Monday, November 9, 2009

Hw 14- Everything Bad is Good For You

In "Everything Bad is Good For You", Steven Johnson talks about different aspects in technology that makes everyone smarter. He does this through analyzing things like tv and video games and the postive effects it may have on us.

In the chapter on video games, Steven Johnson talks about how it is not the content of the games that makes us smarter but the thought processes that the player goes through when playing the game. It teaches the player to analyze all the possibilites, make snap decisions, and strategize. Johnson calls this probing and scoping. Probing, exploring the game and find its limitations and using that and scoping, focusing on immediate problems while still maintaining a long term view. He argues this type of mental thought process can be applied in real life situations. Video games are designed to spike our dopaimine levels so we enjoy playing it and we learn these ways of thinking unintentionally as a result. He calls this the sleeper curve.

On Televison, Johnson says that it engages our brain in different things as well. It is more passive but He argues that since its invention, television shows have become more complex. Previously, things were spelled out for the viewer but it has come to a point where shows intentionally obscures so the viewers will infer for themselves. It makes viewers keep track of complex relationships which will engage the long term memory. But watching televsion has secondary affect. Watching actors go through a series of emotions, we learn to pick up emotional cues from their faces. In that way it would raise our emotional intelligence.

I thought the video games argument was interesting. Games are not much different from puzzles, you need to solve something. Instead of seeing what edge fits you encounter changing situations and have to make to make the "piece" was the right choice in order to go on to the next level. If puzzles are supposedly good for us, then video games should be as well, they both require us to use a mental function and they both are rewarding to us when we win. I thought it was interesting for him to say television is good for our memory because nowadays people don't have the extensive memory people as compared to people in history and this is because of technology. We no longer need to remember because we can write things down as notes.

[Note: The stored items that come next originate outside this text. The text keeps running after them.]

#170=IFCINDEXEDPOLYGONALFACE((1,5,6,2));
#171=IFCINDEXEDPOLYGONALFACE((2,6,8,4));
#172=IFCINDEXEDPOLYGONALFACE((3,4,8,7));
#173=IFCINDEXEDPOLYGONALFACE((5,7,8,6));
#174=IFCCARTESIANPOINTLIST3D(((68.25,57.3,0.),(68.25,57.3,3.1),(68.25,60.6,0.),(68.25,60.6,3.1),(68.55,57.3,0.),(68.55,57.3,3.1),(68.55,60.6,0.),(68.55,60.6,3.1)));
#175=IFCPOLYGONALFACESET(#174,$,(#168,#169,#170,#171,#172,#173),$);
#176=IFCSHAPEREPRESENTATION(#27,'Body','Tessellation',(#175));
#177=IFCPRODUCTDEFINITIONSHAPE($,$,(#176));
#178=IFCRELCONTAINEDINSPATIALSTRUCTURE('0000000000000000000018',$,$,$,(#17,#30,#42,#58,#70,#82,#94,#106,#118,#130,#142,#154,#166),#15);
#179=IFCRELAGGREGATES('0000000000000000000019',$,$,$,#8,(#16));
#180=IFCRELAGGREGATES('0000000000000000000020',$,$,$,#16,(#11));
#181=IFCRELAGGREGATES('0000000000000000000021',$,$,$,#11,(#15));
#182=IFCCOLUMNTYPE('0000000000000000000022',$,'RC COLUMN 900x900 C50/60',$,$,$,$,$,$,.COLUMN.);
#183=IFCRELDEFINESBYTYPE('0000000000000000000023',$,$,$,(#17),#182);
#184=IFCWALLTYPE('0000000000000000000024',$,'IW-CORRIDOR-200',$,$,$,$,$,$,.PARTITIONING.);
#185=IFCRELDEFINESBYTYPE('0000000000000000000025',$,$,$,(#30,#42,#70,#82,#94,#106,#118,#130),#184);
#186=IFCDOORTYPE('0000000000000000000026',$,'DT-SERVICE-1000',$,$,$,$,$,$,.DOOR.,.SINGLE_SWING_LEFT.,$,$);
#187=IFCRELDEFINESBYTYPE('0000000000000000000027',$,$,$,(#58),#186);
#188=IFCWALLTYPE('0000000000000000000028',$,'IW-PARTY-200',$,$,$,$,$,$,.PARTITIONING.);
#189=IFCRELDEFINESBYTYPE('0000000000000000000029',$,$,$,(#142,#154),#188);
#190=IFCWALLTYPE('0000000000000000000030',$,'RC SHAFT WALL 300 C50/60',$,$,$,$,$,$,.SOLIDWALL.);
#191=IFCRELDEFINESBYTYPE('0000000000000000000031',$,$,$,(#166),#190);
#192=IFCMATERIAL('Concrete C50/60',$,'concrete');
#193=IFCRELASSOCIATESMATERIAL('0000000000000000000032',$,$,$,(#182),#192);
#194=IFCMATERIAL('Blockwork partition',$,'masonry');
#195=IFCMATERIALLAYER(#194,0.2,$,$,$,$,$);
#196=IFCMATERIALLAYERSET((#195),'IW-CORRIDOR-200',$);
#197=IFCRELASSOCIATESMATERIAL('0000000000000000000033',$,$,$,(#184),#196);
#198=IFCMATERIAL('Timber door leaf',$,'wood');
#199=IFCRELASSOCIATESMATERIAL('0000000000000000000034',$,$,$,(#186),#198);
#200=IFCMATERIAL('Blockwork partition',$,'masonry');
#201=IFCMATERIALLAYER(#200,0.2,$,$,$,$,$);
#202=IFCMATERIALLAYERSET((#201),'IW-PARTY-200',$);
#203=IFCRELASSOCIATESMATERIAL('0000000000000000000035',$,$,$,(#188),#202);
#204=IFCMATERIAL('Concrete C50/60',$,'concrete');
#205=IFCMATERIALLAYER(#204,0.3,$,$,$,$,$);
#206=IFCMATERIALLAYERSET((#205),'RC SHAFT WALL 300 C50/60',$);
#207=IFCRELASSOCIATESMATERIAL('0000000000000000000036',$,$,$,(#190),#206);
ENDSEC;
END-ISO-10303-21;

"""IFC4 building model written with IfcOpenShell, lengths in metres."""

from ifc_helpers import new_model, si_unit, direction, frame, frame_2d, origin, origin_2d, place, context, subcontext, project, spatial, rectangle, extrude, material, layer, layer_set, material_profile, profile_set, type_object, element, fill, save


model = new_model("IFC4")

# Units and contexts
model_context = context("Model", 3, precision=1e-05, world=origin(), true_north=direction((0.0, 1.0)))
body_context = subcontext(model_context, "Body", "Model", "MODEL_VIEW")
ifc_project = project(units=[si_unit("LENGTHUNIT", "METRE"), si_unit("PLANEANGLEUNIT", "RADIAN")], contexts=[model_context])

No one can recite the Oddesey from memory and that's because we can read it. So there's a mixed reaction on that. Remembering certain parts of a show does require the use of memory but that doesn't mean our memory is better than before. As for emotional intelligence, I think this can be true, because even though the actor is acting, they are portraying a feeling. That feeling has to arise from somewhere. I think we begin to recognize if its true or not. I bet we have had moments where we thought the acting for a show was horrible and that was because we could tell they were acting. The emotions were not realistic to us.

The most obvious way that EGIB4U and Feed contradicts each other is that one is saying Techonology is making us dumber, while the other argues that it is actually making us smarter. Feed does this by showing how the people in that society act, and is highlighted by Violet saying "We are raising a Nation of idiots". EGIB4U does so by analyzing what mental processes it might stimulate. But I think what they are analyzing is different. Feed is mainly analyzing the affects of technology and advertisement on people as consumers. But EGIB4U is focusing more on technology's direct affects on the brain, what skills people can gain from it. Feed is about the corporational use of technology, and the wayauthor of EBIG4U doesn't contradict Feed is that by citing all the positive effects of video games and television, he is promoting the products, which in turn promotes the advertisement that goes along with it. These books are about different things but have the same topic. They both offer different points of view and we can take different things away from both.